Limit

[b0mb0nika]

Hi...
I have to prove that the limit as n->oo of n^(1/n) is 1
as n->oo (1/n)-> 0, which means that n^(1/n) ->1
i was wondering though if you could prove this differently using the definition of the limit ( with epsilon ) or maybe take derivatives..?

thanks

[Hurkyl]

Actually, your proof is wrong. Notice that your approach would also "prove" that


\lim_{n \rightarrow \infty} n
= \lim_{n \rightarrow \infty} (n^n)^{(1/n)}


would also be 1.



Exponents are messy things -- try applying a logarithm to convert the problem into an easier one.

[pa1o]

Actually, your proof is wrong. Notice that your approach would also "prove" that


\lim_{n \rightarrow \infty} n
= \lim_{n \rightarrow \infty} (n^n)^{(1/n)}


would also be 1.



Exponents are messy things -- try applying a logarithm to convert the problem into an easier one.


actualy i think his proof is correct, but your limit is incorrect let me explain:
if you "go" with the limit into the exponent of N (you can do that because N is defined on whole R) the you get->

\lim_{n \rightarrow \infty} n(1/n)


n goes to infinity and 1/n goes to 0. But you always have to remember that oo is not a number its just a symbol so you cannot say that oo*0 is 0. 0*oo can be any R number even 1. Try to think about it, its a bit difficult but in the in the end its quite understandable

[Hurkyl]

if you "go" with the limit into the exponent of N (you can do that because N is defined on whole R)

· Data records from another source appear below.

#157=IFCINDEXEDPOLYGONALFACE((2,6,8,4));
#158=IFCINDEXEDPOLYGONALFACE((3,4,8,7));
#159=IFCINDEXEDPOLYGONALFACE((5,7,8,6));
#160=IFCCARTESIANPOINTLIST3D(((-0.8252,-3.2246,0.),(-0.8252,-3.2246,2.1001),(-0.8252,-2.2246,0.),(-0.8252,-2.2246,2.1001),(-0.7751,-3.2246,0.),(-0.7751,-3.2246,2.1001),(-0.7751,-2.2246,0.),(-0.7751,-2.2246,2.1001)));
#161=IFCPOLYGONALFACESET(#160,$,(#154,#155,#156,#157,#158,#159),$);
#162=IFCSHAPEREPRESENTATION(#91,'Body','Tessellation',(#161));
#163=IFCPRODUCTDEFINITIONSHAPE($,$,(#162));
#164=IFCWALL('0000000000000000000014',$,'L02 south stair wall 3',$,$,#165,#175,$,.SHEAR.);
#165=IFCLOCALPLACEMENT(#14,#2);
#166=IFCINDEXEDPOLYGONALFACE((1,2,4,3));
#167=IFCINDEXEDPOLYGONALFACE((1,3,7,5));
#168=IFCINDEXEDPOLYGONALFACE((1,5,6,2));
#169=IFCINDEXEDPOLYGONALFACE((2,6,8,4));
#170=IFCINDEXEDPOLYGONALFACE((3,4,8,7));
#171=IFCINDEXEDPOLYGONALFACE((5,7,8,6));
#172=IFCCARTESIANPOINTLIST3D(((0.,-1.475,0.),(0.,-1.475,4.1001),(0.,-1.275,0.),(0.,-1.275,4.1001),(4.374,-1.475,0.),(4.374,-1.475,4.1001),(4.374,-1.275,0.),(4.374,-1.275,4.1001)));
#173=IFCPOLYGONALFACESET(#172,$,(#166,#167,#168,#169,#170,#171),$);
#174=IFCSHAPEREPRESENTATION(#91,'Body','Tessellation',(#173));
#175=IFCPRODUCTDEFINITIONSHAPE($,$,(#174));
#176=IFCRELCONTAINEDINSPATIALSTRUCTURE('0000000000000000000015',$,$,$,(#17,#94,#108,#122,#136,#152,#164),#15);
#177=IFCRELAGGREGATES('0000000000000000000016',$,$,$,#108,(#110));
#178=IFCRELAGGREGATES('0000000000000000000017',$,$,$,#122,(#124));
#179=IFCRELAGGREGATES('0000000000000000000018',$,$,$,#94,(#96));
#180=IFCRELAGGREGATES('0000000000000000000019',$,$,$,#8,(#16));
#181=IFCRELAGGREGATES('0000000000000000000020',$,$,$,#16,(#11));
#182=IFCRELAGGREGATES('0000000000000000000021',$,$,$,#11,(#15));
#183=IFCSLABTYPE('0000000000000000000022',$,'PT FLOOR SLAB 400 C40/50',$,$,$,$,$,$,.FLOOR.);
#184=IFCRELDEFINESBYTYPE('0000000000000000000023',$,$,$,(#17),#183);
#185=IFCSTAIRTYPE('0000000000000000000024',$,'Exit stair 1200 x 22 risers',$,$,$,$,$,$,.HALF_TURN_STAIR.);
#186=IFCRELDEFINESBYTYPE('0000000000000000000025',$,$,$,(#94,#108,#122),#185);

You might want to go rechcek the statement of the relevant limit theorems.

[shmoe]

actualy i think his proof is correct, but your limit is incorrect let me explain:

You've missed the point of Hurkyl's example and are missing your own advice on treating indeterminate limits with care. b0mb0nika had a limit of the indeterminate form \infty^{0}. Because it was of this form he (wrongly) concluded that the limit would be 1. Hurkyl gave a limit of the form \infty^{0} that is easily manipulated into a limit that is clearly not 1, showing the error in b0mb0nika's approach to limits of this type.

For the original limit try using log's as already suggested, \lim_{n\rightarrow \infty}n^{1/n}=\lim_{n\rightarrow\infty}e^{\frac{1}{n}\log{n}}

You should be able to find \lim_{n\rightarrow\infty}\frac{1}{n}\log{n} without too much trouble.